American cartoonist Molly Norris started the movement to stand up for free speech rights but was eventually cowed into submission by the intense backlash against drawing the illiterate, ultra-violent founder of Islam who claimed the angel Gabriel dictated the Holy Koran to him.
On Jan. 7, 2015, self-identified members of al-Qaeda in the Arabian Peninsula broke into the Paris offices of the satirical magazine Charlie Hebdo, slaughtering about a dozen people in a hail of gunfire. The publication's offense was to print images of Muhammad.
Given the blood-drenched history of events involving the depiction of Muhammad, it seems safe to presume that the assault in Garland, Texas, was carried out by Islamists.
After all, Muslims do not tolerate any artistic depictions of their prophet, whether drawn, painted, sculpted, filmed, or in any other medium. This can make it challenging to tell the story of Islam's beginnings to modern audiences.
Some have tried.
The Message, a full-length feature film from 1977 starred Anthony Quinn as Muhammad's uncle Hamza and Robert Brown who played "M" in five James Bond 007 movies. The tedious nearly 3-hour-long movie requires an unusual degree of suspension of disbelief. Although Muhammad is the central character, he is not shown or heard in the movie. His presence is implied in some scenes; his thinking is voiced aloud by disciples.
Director-producer Moustapha al-Akkad, an American who was born in 1930 in Aleppo, Syria, about 100 miles west of Raqqa, now the de facto capital of the Islamic State, made the film happen.
"I made the film to bring the story of Islam, the story of 700 million people, to the West," Akkad, a Muslim famous for producing the commercially successful Halloween horror movie franchise, said in 1977. Production was an ordeal for Akkad. He obtained the approval of both Sunni and Shi’a clerical authorities but not of the more hardline Saudi clerics of the Mecca-based Muslim World League (MWL), according to Joumane Chahine at Film Comment.
(Note: Hillary Clinton has indirect ties to the Muslim World League through her longtime aide Huma Abedin. In 1983, her father, Zyed Abedin, became secretary-general of the MWL, a militant organization with links to Osama bin Laden. Her Ivy League-educated mother, Saleha Mahmood Abedin, became an official representative of the MWL in the 1990s.)
Chahine affirms that when the movie began its theatrical run in 1977, "a band of armed Hanafi Muslims, a splinter group from the Nation of Islam, stormed several buildings in Washington, D.C. and took over a hundred hostages (killing a journalist and a policeman along the way), demanding, among other things, that the film be 'destroyed.'" Then-Washington city council member Marion Barry took a shotgun pellet near his heart but survived.

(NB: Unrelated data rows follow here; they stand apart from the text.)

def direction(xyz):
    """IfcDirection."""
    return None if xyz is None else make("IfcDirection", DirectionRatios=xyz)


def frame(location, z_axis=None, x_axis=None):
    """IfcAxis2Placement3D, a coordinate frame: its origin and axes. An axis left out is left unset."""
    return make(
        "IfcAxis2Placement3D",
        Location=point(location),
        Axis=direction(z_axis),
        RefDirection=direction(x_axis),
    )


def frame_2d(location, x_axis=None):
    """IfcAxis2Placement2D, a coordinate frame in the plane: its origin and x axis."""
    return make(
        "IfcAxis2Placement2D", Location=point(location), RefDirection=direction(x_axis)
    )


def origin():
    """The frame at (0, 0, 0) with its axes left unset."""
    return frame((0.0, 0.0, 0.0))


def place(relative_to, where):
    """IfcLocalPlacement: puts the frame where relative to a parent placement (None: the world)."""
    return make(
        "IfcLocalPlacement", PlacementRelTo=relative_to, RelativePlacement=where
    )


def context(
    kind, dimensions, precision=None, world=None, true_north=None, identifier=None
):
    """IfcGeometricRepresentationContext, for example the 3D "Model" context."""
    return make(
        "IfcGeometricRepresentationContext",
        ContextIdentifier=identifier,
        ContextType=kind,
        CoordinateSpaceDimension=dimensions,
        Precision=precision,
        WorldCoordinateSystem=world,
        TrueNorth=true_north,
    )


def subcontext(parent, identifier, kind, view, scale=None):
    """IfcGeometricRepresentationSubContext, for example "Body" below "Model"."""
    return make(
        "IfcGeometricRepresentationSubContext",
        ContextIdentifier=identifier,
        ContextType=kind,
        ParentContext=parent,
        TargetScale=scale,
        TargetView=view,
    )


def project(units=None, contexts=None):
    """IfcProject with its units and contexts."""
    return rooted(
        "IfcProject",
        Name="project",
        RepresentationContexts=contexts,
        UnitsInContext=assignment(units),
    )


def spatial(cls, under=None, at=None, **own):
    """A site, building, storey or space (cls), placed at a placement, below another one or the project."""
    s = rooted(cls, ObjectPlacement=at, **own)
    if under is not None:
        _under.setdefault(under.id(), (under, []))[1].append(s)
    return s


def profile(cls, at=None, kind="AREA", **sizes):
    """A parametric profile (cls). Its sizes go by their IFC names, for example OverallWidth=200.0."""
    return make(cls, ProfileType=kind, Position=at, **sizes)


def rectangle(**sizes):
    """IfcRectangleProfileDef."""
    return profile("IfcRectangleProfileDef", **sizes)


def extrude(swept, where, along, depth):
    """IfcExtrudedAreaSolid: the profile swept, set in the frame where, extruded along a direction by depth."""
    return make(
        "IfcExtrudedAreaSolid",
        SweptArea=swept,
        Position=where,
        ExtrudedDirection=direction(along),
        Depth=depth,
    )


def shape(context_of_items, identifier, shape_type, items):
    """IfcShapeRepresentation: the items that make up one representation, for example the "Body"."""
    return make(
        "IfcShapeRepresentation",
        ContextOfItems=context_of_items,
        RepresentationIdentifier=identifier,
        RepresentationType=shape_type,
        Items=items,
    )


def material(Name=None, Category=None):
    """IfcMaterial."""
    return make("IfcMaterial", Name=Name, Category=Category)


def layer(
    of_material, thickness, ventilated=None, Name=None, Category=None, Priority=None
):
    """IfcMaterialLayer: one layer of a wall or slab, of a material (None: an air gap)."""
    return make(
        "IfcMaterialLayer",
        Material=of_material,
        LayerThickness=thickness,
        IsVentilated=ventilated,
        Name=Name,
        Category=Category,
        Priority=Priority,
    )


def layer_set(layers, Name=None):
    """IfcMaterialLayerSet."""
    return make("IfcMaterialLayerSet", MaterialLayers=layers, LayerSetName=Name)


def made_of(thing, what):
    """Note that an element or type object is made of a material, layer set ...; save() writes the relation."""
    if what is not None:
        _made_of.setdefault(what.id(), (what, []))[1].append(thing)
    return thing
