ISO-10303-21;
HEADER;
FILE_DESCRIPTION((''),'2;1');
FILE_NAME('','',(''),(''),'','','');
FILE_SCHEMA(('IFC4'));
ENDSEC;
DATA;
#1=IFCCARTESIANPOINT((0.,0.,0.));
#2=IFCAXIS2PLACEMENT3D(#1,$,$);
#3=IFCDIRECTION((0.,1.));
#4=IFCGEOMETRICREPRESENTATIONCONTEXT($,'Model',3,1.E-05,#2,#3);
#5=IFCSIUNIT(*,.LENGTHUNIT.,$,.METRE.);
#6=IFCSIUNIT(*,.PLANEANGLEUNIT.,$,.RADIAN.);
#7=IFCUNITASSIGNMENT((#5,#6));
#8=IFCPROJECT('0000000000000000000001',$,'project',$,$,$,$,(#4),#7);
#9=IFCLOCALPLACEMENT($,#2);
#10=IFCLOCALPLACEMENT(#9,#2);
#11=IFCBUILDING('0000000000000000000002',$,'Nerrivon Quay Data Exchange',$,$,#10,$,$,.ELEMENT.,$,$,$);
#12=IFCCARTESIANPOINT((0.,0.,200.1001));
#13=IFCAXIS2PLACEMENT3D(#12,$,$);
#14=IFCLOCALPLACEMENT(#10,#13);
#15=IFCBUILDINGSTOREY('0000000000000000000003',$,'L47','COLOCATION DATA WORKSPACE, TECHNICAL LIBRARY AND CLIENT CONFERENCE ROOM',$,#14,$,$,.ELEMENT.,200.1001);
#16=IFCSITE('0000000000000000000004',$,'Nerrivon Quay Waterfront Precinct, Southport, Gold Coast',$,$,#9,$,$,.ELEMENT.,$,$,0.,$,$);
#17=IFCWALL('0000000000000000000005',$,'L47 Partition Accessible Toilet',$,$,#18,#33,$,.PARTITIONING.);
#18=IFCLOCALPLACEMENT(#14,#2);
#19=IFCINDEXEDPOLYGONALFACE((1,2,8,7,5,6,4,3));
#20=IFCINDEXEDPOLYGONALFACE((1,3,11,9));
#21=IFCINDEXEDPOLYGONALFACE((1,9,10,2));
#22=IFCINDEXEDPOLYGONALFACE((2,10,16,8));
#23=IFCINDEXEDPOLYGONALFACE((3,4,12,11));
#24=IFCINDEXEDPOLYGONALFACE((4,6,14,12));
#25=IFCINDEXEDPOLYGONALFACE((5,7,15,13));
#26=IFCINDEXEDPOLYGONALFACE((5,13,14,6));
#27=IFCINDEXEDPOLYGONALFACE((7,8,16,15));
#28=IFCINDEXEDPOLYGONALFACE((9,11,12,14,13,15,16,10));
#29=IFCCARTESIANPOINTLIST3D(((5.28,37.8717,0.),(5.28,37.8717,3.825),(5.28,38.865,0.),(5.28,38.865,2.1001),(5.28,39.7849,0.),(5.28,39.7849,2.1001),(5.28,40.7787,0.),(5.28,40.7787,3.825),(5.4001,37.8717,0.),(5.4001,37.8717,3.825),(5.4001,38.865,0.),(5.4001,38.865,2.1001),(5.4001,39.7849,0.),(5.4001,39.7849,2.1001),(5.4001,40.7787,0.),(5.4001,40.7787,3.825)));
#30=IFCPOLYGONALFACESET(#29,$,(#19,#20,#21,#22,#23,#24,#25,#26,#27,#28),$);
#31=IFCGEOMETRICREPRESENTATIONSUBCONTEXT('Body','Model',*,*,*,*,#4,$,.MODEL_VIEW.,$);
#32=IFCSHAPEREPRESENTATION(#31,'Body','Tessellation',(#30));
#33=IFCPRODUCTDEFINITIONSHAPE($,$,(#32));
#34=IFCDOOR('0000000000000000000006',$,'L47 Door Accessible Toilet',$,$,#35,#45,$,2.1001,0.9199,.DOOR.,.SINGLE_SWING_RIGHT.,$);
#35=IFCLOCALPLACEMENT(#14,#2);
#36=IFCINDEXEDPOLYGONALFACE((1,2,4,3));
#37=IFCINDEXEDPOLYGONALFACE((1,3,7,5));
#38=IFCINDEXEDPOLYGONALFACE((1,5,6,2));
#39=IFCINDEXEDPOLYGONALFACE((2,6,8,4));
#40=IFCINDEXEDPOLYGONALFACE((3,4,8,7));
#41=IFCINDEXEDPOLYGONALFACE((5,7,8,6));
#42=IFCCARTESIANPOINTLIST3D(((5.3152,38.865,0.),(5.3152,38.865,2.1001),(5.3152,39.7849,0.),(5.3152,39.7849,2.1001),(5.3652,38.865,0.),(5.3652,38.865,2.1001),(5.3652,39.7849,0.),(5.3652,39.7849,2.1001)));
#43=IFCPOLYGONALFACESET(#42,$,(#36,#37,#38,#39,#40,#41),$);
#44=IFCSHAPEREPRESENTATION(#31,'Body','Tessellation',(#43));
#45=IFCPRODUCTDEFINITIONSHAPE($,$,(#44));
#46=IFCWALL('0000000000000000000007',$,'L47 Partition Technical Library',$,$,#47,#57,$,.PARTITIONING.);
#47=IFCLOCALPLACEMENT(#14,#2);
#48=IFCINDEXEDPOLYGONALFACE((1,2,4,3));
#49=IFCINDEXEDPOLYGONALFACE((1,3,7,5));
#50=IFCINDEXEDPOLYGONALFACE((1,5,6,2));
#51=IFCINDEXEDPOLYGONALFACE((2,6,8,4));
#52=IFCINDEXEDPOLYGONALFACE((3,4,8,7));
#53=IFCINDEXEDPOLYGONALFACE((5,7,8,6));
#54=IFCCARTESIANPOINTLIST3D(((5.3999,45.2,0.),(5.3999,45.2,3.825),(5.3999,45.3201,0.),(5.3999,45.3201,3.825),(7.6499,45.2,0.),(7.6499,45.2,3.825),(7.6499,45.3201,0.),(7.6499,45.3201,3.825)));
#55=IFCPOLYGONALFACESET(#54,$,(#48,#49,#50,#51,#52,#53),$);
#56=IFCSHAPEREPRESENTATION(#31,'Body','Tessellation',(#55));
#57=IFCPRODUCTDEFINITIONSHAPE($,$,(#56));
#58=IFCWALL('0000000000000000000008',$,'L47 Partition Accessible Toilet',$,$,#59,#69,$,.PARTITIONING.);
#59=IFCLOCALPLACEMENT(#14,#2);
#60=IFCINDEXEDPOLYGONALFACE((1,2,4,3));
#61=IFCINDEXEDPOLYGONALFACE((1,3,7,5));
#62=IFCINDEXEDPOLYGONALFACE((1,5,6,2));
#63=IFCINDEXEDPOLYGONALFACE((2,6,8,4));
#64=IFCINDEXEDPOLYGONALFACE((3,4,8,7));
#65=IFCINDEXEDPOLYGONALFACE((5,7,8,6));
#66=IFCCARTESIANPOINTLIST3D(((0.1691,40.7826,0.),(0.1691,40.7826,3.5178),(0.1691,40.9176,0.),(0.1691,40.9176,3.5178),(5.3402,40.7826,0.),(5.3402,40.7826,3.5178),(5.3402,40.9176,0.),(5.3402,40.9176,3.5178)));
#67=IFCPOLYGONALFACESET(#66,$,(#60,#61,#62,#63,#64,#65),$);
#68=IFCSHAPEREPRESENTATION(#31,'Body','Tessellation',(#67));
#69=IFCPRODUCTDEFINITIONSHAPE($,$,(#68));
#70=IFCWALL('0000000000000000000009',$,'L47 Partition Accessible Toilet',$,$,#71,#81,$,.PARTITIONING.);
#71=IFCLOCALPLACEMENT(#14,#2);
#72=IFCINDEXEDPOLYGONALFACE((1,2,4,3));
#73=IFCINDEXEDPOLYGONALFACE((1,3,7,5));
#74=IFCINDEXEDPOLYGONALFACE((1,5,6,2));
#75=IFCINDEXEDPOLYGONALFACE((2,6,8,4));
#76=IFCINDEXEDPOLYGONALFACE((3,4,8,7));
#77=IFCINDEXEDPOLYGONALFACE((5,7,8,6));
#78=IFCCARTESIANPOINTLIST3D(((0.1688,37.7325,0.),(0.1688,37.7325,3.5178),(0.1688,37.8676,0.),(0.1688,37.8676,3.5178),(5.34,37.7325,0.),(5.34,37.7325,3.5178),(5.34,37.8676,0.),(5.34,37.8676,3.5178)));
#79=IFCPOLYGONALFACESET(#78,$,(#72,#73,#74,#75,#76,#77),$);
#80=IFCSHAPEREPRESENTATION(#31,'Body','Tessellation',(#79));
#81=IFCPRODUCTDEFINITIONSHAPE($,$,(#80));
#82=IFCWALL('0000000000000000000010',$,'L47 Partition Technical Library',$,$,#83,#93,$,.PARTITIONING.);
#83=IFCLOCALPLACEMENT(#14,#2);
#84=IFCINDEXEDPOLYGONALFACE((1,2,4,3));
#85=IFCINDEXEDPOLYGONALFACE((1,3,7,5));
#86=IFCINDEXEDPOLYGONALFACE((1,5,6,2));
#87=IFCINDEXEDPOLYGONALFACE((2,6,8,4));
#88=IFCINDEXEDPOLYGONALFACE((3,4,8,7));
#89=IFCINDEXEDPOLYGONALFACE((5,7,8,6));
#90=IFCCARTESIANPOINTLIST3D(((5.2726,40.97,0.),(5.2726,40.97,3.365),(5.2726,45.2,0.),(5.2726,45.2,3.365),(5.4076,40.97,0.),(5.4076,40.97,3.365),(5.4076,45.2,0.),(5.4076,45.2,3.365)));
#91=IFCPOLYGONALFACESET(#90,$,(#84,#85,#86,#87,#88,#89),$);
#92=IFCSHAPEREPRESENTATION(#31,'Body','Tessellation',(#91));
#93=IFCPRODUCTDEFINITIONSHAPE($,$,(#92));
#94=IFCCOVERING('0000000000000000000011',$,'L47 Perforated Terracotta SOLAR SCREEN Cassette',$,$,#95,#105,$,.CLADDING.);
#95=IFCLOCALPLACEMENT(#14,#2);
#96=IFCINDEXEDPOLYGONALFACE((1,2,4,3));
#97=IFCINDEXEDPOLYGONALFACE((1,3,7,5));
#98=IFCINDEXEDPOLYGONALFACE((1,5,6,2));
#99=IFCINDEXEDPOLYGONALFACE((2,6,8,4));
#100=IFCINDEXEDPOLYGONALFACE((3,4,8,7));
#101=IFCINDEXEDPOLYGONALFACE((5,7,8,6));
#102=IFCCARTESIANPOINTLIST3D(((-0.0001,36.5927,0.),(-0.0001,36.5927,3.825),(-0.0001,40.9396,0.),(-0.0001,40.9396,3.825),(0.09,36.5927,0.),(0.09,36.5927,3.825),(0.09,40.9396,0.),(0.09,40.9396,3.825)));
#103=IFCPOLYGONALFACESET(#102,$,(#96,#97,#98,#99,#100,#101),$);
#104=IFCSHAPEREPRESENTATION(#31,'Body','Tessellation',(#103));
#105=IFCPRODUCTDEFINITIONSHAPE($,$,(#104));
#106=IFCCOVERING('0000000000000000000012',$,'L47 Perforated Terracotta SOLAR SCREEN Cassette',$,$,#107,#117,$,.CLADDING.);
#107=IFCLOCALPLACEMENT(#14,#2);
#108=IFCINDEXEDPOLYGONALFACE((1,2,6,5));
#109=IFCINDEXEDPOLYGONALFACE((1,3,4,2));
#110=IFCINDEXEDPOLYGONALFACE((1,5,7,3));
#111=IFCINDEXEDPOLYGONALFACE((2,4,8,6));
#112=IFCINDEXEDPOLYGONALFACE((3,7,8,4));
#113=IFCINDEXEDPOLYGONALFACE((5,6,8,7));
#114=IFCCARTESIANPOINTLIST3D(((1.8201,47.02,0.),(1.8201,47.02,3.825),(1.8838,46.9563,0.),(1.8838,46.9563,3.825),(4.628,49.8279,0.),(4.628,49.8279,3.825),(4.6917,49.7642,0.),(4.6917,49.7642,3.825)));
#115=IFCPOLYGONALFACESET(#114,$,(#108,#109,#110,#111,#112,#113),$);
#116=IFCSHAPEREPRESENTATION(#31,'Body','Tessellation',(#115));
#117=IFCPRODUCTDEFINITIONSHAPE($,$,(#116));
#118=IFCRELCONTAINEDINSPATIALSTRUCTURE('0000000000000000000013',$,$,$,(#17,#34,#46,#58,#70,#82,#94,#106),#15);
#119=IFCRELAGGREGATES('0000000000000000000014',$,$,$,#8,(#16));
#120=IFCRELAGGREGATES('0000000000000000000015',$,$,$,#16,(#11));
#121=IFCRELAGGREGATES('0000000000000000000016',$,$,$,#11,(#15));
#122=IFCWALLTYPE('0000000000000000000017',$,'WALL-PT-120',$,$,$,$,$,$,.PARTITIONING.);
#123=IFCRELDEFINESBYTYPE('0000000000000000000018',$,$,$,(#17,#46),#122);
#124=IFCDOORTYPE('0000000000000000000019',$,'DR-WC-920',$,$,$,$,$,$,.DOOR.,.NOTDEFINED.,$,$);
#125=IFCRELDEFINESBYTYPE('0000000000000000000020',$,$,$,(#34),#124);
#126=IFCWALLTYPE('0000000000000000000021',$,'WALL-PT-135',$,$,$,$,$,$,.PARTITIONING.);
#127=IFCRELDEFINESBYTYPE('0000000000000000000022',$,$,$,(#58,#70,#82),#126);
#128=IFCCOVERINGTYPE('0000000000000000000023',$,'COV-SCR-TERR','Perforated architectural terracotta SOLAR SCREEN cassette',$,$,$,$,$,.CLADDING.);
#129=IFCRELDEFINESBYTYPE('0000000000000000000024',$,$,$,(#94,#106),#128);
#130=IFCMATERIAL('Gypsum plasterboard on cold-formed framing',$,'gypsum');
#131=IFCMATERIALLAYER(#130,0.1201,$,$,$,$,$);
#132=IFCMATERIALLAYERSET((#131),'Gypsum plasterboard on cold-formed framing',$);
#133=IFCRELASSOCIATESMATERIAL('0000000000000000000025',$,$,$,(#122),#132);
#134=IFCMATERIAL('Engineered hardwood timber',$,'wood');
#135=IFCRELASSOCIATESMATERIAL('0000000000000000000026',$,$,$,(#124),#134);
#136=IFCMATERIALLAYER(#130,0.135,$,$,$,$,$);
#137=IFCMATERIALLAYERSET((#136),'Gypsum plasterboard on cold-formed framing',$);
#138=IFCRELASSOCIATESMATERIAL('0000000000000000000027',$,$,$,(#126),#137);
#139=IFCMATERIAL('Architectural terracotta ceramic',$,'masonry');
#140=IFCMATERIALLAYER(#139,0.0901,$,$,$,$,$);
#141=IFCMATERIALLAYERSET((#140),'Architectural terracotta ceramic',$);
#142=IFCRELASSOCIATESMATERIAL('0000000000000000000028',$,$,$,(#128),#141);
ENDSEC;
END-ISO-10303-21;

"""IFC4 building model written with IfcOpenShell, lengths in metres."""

from ifc_helpers import new_model, si_unit, direction, frame, frame_2d, origin, origin_2d, place, context, subcontext, project, spatial, rectangle, extrude, material, layer, layer_set, type_object, element, fill, save


model = new_model("IFC4")

# Units and contexts
model_context = context("Model", 3, precision=1e-05, world=origin(), true_north=direction((0.0, 1.0)))
body_context = subcontext(model_context, "Body", "Model", "MODEL_VIEW")
ifc_project = project(units=[si_unit("LENGTHUNIT", "METRE"), si_unit("PLANEANGLEUNIT", "RADIAN")], contexts=[model_context])

# Site, building, storey
site_placement = place(None, origin())
site = spatial("IfcSite", under=ifc_project, at=site_placement, Name="Nerrivon Quay Waterfront Precinct, Southport, Gold Coast", CompositionType="ELEMENT", RefElevation=0.0)
building_placement = place(site_placement, origin())
building = spatial("IfcBuilding", under=site, at=building_placement, Name="Nerrivon Quay Data Exchange", CompositionType="ELEMENT")
storey_placement = place(building_placement, frame((0.0, 0.0, 200.1001)))
storey = spatial("IfcBuildingStorey", under=building, at=storey_placement, Name="L47", Description="COLOCATION DATA WORKSPACE, TECHNICAL LIBRARY AND CLIENT CONFERENCE ROOM", CompositionType="ELEMENT", Elevation=200.1001)

# Wall, opening, door
ifc_material_1 = material(Name="Gypsum plasterboard on cold-formed framing", Category="gypsum")
ifc_layer_1 = layer(ifc_material_1, 0.1201)
ifc_layer_set_1 = layer_set([ifc_layer_1], Name="Gypsum plasterboard on cold-formed framing")
wall_type_1 = type_object("IfcWallType", Name="WALL-PT-120", PredefinedType="PARTITIONING", material=ifc_layer_set_1)
wall_1_placement = place(storey_placement, frame((5.3401, 37.8716, 0.0), z_axis=(0.0, 0.0, 1.0), x_axis=(0.0, 1.0, 0.0)))
wall_1 = element("IfcWall", 1, at=wall_1_placement, inside=storey, type_object=wall_type_1, Name="L47 Partition Accessible Toilet", PredefinedType="PARTITIONING", context=body_context, shape_type="SweptSolid", body=[
    extrude(rectangle(XDim=2.907, YDim=0.1201, at=frame_2d((1.4536, 0.0))), origin(), (0.0, 0.0, 1.0), 3.825),
])
opening_placement = place(wall_1_placement, frame((0.9934, 0.0, 0.0)))
opening = element("IfcOpeningElement", 2, at=opening_placement, cuts=wall_1, PredefinedType="OPENING", context=body_context, shape_type="SweptSolid", body=[
    extrude(rectangle(XDim=0.9199, YDim=2.1001, at=frame_2d((0.46, 1.05))), frame((0.0, 0.0701, 0.0), z_axis=(0.0, -1.0, 0.0), x_axis=(1.0, 0.0, 0.0)), (0.0, 0.0, 1.0), 0.1401),
])
ifc_material_2 = material(Name="Engineered hardwood timber", Category="wood")
door_type = type_object("IfcDoorType", Name="DR-WC-920", OperationType="NOTDEFINED", PredefinedType="DOOR", material=ifc_material_2)
door_placement = place(opening_placement, origin())
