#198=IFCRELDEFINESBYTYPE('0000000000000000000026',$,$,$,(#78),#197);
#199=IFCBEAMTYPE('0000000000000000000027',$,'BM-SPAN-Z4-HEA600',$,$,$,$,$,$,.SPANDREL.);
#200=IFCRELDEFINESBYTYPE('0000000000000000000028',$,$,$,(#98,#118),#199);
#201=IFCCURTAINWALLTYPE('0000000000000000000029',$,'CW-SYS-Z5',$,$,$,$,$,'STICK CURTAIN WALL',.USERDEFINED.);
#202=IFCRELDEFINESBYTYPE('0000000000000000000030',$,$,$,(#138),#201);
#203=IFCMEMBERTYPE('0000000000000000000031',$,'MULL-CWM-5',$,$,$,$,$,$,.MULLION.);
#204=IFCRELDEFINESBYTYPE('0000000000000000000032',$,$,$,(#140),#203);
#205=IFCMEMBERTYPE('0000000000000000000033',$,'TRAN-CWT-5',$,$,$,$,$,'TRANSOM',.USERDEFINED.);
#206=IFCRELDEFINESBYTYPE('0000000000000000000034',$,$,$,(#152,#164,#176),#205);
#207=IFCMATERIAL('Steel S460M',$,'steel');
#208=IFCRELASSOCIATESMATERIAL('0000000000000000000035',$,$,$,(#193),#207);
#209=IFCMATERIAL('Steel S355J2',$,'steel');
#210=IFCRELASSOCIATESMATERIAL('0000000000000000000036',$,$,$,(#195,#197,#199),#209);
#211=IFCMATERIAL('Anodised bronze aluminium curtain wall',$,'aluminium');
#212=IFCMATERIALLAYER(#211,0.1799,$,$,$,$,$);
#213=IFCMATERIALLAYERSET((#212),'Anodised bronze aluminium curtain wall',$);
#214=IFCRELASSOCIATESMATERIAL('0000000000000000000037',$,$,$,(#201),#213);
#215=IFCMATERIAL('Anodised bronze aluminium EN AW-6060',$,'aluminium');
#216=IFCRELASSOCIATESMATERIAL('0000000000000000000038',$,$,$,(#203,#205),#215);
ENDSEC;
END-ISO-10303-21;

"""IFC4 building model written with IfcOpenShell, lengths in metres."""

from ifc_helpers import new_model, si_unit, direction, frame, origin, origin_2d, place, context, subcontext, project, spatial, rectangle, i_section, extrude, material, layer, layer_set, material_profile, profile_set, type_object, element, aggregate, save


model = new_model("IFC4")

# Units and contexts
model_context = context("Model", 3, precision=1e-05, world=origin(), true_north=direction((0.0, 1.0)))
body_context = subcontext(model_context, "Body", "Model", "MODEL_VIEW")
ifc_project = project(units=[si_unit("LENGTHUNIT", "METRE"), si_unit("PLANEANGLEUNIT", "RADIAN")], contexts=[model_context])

Akkad died in November 2005 of injuries sustained when terrorists bombed a hotel in Amman, Jordan.
The violence in Garland has not deterred Pamela Geller from spreading her message about the existential threat that Islam poses to the U.S.
“The idea we are going to abridge our freedom, our most basic inalienable rights, in order to not offend savages is egregious," Geller told Fox News Channel last night.
"It is outrageous. This is a war and the war is here.”
The Garland police "handled this situation brilliantly,” Geller said.
They understand that “there’s an enemy among us. They need to crush our freedoms, our emotions, basic freedoms."
"The idea that a cartoon, a funny cartoon — by the way, we had held the contest—the Muhammad contest. It was won by a former Muslim, Bosch Fawstin, that that cartoon would compel devout followers to slaughter is — it’s outrageous. It's unspeakable. It's monstrous.”